Japan Post Bank, one of the leading infrastructure institutional investors in the country, is eyeing agriculture, Yasuhiro Ono, director of private equity and infrastructure, told attendees at sister publication Infrastructure Investor‘s recent Tokyo Summit.
The move is part of a diversification strategy away from core infrastructure.
“We try to make investments that go beyond the conventional infrastructure investment, and we are ready to invest in new areas like agriculture. If there’s a stable demand, and a long-term contract with the offtaker, we see this is as a new area of investment,” Ono explained.

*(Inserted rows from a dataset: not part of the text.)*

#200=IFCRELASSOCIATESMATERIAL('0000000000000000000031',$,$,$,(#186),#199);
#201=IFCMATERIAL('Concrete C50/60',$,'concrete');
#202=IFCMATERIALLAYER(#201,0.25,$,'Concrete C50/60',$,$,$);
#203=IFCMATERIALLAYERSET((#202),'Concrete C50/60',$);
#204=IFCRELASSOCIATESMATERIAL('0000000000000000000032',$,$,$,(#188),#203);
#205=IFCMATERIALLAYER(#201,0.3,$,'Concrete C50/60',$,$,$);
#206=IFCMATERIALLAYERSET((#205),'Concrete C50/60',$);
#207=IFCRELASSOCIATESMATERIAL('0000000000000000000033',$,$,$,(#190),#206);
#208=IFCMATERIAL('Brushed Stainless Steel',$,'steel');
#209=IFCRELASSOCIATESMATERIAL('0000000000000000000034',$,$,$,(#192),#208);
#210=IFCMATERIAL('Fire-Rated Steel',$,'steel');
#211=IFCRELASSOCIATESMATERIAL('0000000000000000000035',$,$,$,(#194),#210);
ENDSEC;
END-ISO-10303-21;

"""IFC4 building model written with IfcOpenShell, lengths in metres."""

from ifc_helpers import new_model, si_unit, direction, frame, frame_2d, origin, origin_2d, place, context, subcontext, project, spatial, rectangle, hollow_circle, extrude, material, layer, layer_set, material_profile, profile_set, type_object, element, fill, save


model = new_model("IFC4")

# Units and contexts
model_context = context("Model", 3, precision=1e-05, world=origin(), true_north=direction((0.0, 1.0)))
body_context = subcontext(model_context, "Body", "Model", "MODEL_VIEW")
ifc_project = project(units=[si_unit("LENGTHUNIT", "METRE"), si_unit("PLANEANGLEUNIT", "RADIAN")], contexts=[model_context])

He added: “We focus on diversifying our regional, vintage and sector exposure. We also believe that we should diversify our approach to investment, and we are making efforts to participate in co-investment opportunities.”
Investors at the Summit also stressed that they like to visit assets to better understand their investments.

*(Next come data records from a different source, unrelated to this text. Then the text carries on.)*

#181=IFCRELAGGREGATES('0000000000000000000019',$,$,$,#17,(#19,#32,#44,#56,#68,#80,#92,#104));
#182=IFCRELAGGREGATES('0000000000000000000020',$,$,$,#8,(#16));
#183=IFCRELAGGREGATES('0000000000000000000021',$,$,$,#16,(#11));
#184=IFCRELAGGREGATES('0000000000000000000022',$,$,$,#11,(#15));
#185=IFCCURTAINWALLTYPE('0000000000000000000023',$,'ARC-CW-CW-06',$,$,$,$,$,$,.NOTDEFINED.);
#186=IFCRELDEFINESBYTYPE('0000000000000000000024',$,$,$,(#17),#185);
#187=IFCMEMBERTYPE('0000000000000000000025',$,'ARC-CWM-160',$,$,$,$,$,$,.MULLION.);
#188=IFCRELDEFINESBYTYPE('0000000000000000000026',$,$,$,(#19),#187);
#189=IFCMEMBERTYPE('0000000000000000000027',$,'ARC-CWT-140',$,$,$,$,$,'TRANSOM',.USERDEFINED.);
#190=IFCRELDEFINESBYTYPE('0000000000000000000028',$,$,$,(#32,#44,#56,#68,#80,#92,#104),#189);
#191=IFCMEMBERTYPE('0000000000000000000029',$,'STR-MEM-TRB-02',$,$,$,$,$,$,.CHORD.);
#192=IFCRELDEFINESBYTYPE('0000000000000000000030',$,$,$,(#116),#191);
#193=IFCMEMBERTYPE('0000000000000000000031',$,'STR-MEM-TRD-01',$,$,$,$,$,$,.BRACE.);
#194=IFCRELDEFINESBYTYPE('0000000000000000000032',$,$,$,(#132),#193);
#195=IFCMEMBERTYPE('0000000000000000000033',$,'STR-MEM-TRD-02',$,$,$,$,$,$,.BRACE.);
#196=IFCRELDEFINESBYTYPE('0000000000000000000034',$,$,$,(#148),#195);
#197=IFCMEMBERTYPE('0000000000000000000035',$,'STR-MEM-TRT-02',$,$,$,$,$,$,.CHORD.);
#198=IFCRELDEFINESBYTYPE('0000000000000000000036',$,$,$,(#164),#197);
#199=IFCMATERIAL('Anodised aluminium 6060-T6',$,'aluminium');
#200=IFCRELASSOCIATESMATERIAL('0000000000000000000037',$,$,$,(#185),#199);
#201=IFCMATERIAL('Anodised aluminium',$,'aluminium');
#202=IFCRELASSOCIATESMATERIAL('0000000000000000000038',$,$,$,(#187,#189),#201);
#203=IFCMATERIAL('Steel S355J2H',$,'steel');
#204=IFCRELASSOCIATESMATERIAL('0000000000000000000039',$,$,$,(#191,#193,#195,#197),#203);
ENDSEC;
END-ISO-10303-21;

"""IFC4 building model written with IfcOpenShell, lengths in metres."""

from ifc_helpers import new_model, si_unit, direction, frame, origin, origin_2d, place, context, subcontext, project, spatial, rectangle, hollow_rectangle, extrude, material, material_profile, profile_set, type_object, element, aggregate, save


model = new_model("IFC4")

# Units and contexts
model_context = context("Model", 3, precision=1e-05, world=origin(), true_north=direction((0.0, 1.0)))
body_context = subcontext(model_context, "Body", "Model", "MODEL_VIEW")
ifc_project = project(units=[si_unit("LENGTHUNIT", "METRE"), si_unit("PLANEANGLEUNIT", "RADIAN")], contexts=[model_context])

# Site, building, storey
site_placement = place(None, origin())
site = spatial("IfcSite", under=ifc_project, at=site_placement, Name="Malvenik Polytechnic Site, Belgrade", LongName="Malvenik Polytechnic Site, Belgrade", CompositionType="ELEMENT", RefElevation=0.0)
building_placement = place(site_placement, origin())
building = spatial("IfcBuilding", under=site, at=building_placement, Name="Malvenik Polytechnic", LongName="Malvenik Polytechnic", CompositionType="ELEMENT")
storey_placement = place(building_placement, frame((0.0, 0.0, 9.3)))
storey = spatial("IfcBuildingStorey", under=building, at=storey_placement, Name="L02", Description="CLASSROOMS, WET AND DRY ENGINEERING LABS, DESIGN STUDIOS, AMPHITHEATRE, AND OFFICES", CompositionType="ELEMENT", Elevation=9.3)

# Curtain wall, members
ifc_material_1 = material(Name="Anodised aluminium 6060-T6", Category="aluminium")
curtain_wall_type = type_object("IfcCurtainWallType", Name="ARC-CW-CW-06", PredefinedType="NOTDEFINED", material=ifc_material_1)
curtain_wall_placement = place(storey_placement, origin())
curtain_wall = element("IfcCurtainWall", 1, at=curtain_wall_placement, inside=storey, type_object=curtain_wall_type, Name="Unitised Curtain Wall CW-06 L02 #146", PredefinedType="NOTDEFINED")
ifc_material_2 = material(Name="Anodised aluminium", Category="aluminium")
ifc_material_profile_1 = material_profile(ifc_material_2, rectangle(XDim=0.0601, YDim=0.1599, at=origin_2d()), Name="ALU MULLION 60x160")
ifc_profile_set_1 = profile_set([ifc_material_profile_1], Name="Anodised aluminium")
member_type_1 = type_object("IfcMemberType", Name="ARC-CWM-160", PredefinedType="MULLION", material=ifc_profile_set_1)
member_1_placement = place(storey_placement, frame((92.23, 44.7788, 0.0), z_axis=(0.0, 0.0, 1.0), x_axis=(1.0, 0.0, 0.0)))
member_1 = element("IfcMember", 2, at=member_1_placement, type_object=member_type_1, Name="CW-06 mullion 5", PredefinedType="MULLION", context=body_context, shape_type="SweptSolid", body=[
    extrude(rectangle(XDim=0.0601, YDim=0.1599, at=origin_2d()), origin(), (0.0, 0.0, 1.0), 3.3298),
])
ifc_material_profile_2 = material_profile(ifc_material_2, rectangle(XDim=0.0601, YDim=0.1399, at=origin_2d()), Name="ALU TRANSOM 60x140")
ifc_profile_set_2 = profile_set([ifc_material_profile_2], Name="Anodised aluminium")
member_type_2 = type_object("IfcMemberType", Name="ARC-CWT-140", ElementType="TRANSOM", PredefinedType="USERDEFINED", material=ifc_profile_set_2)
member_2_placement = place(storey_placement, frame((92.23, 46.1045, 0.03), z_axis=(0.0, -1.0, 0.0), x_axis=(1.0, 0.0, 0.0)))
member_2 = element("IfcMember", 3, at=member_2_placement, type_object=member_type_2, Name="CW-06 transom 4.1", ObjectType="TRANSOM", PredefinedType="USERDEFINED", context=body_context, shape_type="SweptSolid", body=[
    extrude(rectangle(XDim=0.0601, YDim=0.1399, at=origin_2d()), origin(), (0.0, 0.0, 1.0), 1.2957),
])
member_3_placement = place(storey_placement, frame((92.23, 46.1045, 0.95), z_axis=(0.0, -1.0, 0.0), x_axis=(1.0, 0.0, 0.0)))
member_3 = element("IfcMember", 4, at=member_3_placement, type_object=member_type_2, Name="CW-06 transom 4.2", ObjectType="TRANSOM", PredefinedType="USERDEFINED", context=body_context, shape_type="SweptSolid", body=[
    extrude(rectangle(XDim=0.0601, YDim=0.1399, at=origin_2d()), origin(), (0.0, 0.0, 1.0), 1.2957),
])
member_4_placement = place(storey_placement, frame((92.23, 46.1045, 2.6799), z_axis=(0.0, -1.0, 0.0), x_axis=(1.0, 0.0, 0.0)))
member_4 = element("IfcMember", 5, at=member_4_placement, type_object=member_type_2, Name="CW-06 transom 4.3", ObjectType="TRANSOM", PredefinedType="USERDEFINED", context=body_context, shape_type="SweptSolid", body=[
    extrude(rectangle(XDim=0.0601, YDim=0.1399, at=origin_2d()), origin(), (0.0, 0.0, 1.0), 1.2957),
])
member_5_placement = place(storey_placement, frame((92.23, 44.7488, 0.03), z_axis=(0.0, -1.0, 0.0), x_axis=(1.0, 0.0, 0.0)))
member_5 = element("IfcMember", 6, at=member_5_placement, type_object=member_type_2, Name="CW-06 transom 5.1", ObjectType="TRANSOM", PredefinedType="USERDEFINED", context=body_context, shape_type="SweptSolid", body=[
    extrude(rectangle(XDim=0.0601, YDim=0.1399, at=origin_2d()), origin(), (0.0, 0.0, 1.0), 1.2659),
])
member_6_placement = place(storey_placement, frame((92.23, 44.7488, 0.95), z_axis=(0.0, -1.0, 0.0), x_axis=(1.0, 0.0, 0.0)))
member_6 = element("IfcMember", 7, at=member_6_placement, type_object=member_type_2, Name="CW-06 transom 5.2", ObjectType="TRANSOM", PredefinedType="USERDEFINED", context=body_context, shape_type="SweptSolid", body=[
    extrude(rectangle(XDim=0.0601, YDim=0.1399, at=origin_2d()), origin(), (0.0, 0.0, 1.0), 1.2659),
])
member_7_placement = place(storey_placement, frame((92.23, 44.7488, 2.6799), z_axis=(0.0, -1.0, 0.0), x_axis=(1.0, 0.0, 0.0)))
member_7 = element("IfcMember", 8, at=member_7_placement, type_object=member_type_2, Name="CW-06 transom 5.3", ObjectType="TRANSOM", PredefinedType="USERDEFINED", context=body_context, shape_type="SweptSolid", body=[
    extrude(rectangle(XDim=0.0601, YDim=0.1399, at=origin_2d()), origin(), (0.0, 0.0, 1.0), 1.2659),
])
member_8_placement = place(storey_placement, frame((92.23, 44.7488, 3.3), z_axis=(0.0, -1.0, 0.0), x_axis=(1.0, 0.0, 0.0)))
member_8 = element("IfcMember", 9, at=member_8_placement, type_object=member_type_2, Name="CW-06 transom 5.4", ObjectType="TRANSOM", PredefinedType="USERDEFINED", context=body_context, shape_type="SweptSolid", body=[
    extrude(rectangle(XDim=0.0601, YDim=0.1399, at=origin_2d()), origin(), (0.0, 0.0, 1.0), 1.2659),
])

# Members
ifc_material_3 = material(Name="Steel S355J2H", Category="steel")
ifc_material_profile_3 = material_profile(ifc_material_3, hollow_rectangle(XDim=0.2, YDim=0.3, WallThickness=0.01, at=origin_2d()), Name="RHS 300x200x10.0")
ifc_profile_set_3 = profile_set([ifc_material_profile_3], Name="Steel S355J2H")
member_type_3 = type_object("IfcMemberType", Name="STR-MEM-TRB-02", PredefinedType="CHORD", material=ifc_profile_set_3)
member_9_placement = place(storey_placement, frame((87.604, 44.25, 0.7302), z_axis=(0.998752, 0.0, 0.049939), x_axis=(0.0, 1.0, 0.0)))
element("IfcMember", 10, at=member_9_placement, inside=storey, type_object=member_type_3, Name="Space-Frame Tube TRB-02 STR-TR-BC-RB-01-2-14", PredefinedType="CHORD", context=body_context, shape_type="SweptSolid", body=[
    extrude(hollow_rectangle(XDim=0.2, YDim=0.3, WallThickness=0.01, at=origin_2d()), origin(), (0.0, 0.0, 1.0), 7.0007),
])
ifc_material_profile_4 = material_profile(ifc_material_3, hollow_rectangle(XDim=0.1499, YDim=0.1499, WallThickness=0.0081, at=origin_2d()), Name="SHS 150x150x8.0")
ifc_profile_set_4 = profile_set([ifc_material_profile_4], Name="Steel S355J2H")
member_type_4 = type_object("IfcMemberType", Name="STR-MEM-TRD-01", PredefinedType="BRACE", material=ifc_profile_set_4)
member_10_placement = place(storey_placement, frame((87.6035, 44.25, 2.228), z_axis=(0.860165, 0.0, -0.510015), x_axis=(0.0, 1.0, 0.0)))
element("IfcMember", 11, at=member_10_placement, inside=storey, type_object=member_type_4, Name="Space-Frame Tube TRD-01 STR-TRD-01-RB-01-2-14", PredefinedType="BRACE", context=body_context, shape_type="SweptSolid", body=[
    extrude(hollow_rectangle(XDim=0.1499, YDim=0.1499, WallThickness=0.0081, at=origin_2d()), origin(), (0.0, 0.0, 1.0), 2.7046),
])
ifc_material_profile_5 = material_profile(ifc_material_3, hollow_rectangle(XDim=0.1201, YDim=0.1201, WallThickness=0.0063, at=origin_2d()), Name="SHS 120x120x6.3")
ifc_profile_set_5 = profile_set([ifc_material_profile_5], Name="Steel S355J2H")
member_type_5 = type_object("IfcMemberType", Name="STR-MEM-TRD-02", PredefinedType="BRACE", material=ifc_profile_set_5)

“Sometimes we don’t know which kind of exposure we are getting,” Hisamitsu Iida, private assets portfolio manager at Sompo Japan Nipponkoa Insurance, commented. “It’s important for us to visit the assets and understand the risks associated [with them], and that the risk level is not too high,” he added.
Similarly, the head of infrastructure and income investments at Japan’s Pension Fund Association, Satoru Tanabe, explained that he also considers on-site visits fundamental due to the “limited information” offered by fund managers.
“It is an issue of better accountability, and it helps us to convince the senior management to get approval for the investment,” he said.